Auch in Deutschland gibt es Schwierigkeiten. Das Land ist durch Hochachtung vor der westlichen Wertegemeinschaft, vor allem aber gegenüber den USA gekennzeichnet. Illustrativ hierfür ist, daß die Bundeswehr sogar dort, wo es unzweckmäßig ist, das amerikanische Vokabular übernahm. Früher haben wir zwischen Streife und Spähtrupp unterschieden, da sie verschiedene Aufgaben haben. Heute werden sie als patrol, Patrouille, zusammengefaßt. Ebenso wird die Trennung zwischen Ausbildung und Training verwischt, weil man nur noch von training spricht. Weitere Beispiele sind leicht zu finden. Auch läßt die Debatte um Kunduz wenig Willen erkennen, die Diskussion um die neue strategy anders als nach Parteiinteressen zu führen. Weiterhin verletzt Teilnahme an einem Krieg ein Tabu, sodaß die Präsidentin der Evangelischen Kirche die biblische und protestantische Lehre vom Gerechten Krieg mißachten und verkünden konnte, Krieg dürfe nach Gottes Willen nicht sein. Und schließlich ist fraglich, ob die Bundesrepublik genügend Männer hat, die einen Krieg durchstehen können. Die Zahl der tatsächlichen, vorgetäuschten oder herbeigeredeten, aber kaum „kritisch hinterfragten“ Trauma-Fälle weckt Zweifel.

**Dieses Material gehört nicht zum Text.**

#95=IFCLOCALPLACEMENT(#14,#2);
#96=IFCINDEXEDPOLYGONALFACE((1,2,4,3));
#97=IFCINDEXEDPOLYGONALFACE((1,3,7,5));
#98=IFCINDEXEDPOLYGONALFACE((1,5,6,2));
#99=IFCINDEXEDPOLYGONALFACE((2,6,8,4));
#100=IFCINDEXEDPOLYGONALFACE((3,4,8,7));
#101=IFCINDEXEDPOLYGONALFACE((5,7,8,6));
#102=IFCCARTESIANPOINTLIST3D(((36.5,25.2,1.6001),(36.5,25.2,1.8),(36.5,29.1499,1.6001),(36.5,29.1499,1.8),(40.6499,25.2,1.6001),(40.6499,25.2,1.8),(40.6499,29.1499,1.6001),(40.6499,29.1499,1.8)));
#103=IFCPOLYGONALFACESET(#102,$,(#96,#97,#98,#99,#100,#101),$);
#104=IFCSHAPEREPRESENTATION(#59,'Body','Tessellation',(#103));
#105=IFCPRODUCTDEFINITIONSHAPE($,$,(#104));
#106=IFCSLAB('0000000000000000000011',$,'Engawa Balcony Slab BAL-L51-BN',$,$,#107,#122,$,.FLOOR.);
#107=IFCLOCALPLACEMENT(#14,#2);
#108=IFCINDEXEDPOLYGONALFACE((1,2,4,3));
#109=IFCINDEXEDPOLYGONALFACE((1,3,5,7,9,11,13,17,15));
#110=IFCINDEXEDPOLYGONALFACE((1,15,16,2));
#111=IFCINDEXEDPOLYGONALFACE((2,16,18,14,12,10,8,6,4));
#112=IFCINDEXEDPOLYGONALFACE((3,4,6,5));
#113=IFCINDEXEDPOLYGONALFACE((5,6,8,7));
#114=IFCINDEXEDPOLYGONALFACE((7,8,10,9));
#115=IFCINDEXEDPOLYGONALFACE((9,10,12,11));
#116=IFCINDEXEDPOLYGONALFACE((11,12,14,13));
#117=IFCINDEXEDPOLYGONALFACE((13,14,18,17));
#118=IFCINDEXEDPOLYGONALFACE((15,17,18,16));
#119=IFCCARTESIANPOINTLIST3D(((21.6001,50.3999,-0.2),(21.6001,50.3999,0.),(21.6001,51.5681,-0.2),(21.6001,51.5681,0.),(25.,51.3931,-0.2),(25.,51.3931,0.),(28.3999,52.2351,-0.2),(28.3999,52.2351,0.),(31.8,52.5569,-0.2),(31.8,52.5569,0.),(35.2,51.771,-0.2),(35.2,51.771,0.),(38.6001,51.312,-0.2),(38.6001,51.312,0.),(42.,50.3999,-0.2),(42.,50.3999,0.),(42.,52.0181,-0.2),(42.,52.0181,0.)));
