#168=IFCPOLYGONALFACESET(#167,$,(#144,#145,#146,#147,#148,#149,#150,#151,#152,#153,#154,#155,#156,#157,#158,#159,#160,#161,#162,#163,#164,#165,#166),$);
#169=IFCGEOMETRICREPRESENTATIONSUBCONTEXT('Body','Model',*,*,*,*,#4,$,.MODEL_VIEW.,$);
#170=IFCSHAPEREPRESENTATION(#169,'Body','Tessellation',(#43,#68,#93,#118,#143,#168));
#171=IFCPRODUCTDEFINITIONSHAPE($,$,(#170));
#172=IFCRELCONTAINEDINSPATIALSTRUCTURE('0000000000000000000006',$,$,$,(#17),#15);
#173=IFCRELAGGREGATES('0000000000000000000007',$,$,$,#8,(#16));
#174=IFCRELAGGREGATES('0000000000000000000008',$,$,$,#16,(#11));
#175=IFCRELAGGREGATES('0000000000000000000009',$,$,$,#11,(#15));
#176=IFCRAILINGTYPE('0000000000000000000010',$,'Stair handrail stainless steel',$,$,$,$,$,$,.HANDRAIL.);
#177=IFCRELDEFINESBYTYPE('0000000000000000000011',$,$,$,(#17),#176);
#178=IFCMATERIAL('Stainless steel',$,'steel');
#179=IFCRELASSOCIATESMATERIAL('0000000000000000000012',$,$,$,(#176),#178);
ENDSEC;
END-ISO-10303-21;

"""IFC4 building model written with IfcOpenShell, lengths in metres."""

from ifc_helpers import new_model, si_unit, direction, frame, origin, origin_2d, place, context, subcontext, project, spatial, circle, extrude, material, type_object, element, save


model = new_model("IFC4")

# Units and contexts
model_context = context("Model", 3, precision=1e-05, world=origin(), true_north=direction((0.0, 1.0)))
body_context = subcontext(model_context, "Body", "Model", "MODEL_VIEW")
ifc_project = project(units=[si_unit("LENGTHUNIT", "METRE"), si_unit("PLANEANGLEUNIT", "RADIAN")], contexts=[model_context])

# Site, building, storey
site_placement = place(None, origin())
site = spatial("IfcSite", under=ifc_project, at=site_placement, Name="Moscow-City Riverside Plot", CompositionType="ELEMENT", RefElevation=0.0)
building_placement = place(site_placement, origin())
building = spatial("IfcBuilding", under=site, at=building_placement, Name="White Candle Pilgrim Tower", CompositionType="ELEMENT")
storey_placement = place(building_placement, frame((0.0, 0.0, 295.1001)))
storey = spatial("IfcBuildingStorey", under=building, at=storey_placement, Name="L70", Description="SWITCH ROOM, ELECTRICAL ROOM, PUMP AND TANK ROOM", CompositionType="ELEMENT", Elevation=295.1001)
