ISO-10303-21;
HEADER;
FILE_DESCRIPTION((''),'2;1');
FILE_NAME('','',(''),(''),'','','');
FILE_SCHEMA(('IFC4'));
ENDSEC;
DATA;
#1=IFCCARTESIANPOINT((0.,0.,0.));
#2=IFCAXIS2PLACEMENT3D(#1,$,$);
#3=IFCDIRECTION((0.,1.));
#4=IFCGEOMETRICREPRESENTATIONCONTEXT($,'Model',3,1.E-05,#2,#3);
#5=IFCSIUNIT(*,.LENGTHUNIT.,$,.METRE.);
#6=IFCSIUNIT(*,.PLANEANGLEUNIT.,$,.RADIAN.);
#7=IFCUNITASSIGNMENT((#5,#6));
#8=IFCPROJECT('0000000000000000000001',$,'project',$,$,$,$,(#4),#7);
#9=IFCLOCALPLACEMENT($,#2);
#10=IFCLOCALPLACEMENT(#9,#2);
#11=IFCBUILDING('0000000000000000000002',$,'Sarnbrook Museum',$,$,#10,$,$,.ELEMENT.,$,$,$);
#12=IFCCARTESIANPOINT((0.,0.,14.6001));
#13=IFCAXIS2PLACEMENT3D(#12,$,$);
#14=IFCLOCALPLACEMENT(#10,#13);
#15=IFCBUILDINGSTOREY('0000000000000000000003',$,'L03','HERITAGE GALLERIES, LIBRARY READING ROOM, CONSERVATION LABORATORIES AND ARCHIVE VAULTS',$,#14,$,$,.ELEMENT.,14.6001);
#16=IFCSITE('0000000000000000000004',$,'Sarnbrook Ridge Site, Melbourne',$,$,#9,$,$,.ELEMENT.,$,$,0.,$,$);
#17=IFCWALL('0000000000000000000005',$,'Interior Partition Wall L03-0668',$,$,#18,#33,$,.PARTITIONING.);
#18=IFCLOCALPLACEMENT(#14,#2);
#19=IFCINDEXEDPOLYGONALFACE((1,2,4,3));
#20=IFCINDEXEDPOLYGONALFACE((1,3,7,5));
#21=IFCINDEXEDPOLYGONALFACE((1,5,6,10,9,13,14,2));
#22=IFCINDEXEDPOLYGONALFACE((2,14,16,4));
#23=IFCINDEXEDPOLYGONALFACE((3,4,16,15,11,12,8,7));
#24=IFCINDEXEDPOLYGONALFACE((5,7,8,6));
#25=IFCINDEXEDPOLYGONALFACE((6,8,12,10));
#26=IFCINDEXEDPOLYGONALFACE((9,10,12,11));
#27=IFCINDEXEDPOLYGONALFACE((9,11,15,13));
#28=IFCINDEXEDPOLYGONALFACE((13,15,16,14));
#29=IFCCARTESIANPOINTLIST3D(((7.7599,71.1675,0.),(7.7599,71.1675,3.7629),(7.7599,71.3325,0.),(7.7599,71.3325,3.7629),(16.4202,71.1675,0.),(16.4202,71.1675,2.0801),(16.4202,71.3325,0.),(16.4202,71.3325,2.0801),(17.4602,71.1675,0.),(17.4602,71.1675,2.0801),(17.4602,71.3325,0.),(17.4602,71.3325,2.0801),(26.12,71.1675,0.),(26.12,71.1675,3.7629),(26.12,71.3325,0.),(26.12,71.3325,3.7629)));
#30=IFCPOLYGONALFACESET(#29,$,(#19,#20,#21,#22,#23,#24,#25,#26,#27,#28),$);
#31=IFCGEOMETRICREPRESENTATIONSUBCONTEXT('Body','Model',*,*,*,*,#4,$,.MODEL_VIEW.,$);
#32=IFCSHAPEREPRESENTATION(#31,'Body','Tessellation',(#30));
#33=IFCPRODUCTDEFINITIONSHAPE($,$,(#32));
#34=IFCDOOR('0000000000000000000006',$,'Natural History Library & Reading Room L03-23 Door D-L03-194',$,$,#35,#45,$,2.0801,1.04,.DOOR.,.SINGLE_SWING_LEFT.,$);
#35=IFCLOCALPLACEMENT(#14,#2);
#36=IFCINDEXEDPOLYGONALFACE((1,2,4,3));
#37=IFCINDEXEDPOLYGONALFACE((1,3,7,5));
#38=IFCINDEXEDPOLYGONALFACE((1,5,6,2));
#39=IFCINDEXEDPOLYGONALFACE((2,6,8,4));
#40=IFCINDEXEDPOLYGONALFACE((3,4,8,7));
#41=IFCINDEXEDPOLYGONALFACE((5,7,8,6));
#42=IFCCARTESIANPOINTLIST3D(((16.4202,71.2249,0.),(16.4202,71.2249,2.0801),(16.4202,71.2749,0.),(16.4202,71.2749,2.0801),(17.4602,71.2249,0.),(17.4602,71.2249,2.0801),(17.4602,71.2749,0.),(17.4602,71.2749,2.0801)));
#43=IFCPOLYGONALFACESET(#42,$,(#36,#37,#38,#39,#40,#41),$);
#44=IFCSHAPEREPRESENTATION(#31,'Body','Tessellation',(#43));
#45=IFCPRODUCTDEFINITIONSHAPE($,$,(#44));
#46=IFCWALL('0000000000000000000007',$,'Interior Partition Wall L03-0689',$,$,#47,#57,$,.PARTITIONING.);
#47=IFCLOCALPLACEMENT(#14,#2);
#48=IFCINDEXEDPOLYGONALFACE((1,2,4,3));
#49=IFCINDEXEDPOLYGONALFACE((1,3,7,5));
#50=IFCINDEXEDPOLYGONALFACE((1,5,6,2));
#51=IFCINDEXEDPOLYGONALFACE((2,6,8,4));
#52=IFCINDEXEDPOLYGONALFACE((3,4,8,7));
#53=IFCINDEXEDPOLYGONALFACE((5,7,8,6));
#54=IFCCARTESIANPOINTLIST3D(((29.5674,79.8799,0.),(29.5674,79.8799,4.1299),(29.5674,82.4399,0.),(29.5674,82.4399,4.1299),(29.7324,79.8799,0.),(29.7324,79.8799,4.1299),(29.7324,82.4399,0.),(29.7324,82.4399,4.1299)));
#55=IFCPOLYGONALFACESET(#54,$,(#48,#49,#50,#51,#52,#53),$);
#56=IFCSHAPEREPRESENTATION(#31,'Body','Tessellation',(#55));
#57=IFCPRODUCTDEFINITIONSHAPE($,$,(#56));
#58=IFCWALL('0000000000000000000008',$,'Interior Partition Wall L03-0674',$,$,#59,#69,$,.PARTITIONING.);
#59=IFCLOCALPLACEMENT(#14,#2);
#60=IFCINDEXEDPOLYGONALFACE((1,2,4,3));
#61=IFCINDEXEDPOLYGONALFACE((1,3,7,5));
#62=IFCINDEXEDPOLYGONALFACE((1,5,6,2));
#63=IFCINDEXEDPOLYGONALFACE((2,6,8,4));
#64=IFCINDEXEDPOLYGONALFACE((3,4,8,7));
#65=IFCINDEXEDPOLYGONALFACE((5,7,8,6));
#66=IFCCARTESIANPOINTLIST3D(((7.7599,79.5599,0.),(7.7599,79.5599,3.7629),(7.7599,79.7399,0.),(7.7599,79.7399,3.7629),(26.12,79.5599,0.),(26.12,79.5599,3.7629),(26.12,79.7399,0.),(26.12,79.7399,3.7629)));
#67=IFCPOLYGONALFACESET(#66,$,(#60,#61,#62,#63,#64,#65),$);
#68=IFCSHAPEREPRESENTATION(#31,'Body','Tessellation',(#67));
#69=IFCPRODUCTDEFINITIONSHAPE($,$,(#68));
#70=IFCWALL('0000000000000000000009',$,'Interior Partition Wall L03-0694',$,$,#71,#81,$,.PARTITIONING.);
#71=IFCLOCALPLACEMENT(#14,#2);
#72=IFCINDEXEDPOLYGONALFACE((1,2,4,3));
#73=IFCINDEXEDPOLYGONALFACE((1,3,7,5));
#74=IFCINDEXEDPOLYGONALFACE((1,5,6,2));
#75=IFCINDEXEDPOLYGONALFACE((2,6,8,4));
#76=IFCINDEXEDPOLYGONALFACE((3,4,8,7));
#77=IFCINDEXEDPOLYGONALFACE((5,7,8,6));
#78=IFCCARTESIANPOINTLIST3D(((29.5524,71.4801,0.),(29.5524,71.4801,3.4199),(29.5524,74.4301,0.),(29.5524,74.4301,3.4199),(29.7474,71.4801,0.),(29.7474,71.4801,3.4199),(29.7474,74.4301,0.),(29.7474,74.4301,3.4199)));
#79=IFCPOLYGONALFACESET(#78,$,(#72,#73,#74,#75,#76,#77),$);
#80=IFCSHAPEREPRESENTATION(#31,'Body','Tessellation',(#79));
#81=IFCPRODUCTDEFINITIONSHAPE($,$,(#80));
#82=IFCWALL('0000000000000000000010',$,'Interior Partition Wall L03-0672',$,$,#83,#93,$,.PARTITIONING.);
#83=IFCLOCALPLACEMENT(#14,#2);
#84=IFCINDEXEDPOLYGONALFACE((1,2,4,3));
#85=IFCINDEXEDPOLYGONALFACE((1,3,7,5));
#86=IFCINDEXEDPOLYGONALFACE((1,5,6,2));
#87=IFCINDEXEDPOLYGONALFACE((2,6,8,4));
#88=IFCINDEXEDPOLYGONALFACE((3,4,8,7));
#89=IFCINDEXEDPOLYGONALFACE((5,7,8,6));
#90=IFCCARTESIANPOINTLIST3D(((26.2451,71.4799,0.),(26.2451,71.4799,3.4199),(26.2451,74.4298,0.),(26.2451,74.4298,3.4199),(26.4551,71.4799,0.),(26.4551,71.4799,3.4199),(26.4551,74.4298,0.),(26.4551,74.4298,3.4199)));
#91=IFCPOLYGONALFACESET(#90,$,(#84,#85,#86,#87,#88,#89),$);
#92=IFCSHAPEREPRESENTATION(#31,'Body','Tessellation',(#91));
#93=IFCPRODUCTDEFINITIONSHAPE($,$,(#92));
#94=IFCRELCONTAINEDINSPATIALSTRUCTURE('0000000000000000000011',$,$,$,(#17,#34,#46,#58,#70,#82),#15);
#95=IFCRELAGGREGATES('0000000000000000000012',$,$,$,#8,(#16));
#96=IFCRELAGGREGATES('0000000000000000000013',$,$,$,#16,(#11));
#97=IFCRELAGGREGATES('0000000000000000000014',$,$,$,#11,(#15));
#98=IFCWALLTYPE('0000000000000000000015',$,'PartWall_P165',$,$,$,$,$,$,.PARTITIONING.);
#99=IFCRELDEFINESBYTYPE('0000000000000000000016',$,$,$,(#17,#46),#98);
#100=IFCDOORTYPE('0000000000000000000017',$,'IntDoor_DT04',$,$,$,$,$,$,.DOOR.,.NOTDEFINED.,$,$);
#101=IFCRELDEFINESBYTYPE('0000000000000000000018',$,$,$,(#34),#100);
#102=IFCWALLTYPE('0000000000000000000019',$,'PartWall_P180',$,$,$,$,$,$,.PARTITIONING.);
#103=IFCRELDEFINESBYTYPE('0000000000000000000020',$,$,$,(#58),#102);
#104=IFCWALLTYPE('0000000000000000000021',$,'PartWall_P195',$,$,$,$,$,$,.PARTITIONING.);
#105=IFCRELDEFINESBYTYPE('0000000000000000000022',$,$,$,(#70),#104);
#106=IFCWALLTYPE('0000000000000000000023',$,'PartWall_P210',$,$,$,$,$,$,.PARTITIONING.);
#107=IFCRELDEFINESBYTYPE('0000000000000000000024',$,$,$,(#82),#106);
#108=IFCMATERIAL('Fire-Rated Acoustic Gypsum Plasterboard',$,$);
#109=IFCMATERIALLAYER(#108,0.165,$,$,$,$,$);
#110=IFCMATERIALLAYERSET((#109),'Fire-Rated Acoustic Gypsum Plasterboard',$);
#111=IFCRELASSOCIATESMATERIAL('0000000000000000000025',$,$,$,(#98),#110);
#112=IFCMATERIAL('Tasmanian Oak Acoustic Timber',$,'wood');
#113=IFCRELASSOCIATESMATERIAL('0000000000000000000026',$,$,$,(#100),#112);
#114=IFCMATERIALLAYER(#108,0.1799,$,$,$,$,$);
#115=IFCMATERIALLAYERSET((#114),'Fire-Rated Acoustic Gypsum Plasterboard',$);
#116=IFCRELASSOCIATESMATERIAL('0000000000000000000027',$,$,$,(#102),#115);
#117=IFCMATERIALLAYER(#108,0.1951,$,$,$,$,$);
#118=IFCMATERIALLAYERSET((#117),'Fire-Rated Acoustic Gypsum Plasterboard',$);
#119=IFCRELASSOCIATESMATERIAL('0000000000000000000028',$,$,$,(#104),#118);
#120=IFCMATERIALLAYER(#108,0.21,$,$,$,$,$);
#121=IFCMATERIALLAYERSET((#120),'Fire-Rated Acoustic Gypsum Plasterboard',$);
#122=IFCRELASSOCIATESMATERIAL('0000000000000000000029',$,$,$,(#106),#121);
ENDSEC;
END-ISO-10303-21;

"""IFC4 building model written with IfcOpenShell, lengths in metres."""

from ifc_helpers import new_model, si_unit, direction, frame, frame_2d, origin, place, context, subcontext, project, spatial, rectangle, extrude, material, layer, layer_set, type_object, element, fill, save


model = new_model("IFC4")

# Units and contexts
model_context = context("Model", 3, precision=1e-05, world=origin(), true_north=direction((0.0, 1.0)))
body_context = subcontext(model_context, "Body", "Model", "MODEL_VIEW")
ifc_project = project(units=[si_unit("LENGTHUNIT", "METRE"), si_unit("PLANEANGLEUNIT", "RADIAN")], contexts=[model_context])

# Site, building, storey
site_placement = place(None, origin())
site = spatial("IfcSite", under=ifc_project, at=site_placement, Name="Sarnbrook Ridge Site, Melbourne", CompositionType="ELEMENT", RefElevation=0.0)
building_placement = place(site_placement, origin())
building = spatial("IfcBuilding", under=site, at=building_placement, Name="Sarnbrook Museum", CompositionType="ELEMENT")
storey_placement = place(building_placement, frame((0.0, 0.0, 14.6001)))
storey = spatial("IfcBuildingStorey", under=building, at=storey_placement, Name="L03", Description="HERITAGE GALLERIES, LIBRARY READING ROOM, CONSERVATION LABORATORIES AND ARCHIVE VAULTS", CompositionType="ELEMENT", Elevation=14.6001)

# Shared definitions
ifc_material_1 = material(Name="Fire-Rated Acoustic Gypsum Plasterboard")

# Wall, opening, door
ifc_material_2 = material(Name="Tasmanian Oak Acoustic Timber", Category="wood")
ifc_layer_1 = layer(ifc_material_1, 0.165)
ifc_layer_set_1 = layer_set([ifc_layer_1], Name="Fire-Rated Acoustic Gypsum Plasterboard")
wall_type_1 = type_object("IfcWallType", Name="PartWall_P165", PredefinedType="PARTITIONING", material=ifc_layer_set_1)
wall_1_placement = place(storey_placement, frame((26.1201, 71.25, 0.0), z_axis=(0.0, 0.0, 1.0), x_axis=(-1.0, 0.0, 0.0)))
wall_1 = element("IfcWall", 1, at=wall_1_placement, inside=storey, type_object=wall_type_1, Name="Interior Partition Wall L03-0668", PredefinedType="PARTITIONING", context=body_context, shape_type="SweptSolid", body=[
    extrude(rectangle(XDim=18.3601, YDim=0.165, at=frame_2d((9.1802, 0.0))), origin(), (0.0, 0.0, 1.0), 3.7629),
])
opening_1_placement = place(wall_1_placement, frame((8.6599, 0.0, 0.0)))
opening_1 = element("IfcOpeningElement", 2, at=opening_1_placement, cuts=wall_1, PredefinedType="OPENING", context=body_context, shape_type="SweptSolid", body=[
    extrude(rectangle(XDim=1.04, YDim=2.0801, at=frame_2d((0.52, 1.04))), frame((0.0, 0.0925, 0.0), z_axis=(0.0, -1.0, 0.0), x_axis=(1.0, 0.0, 0.0)), (0.0, 0.0, 1.0), 0.1851),
])
door_type_1 = type_object("IfcDoorType", Name="IntDoor_DT04", OperationType="NOTDEFINED", PredefinedType="DOOR", material=ifc_material_2)
door_1_placement = place(opening_1_placement, frame((1.04, 0.0, 0.0), z_axis=(0.0, 0.0, 1.0), x_axis=(-1.0, 0.0, 0.0)))
door_1 = element("IfcDoor", 3, at=door_1_placement, inside=storey, type_object=door_type_1, Name="Natural History Library & Reading Room L03-23 Door D-L03-194", OperationType="SINGLE_SWING_LEFT", OverallHeight=2.0801, OverallWidth=1.04, PredefinedType="DOOR", context=body_context, shape_type="SweptSolid", body=[
    extrude(rectangle(XDim=1.04, YDim=2.0801, at=frame_2d((0.52, 1.04))), frame((0.0, 0.0249, 0.0), z_axis=(0.0, -1.0, 0.0), x_axis=(1.0, 0.0, 0.0)), (0.0, 0.0, 1.0), 0.05),
])
fill(opening_1, door_1)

Insgesamt sind also die Aussichten auf ein gutes Kriegsende nicht ermutigend.
Zum Schluß: Manch einer wird nun vermutlich urteilen, einige der vorgetragenen Gedanken seien fragwürdig und wichtige Gedanken – z. B. zu Pakistan – fehlten. Das dürfte zutreffen. Schon altindische Mythen, die Upanishaden lehrten, die allumfassende Sicht eines Berges sei nur den Göttern vom Himmel aus möglich, Sterbliche könnten auf der Erde stets nur eine Seite eines Berges sehen. Zweifelsfrei scheint dennoch: Die bisherige Sicht auf die Konflikte der westlichen Welt mit dem Islam, dabei auch auf die Konflikte im Iran, im Irak und in Afghanistan, muß korrigiert werden. Glücklich, wer glaubt, wir hätten Intellektuelle, Medienfürsten und Politiker, die dazu fähig sind.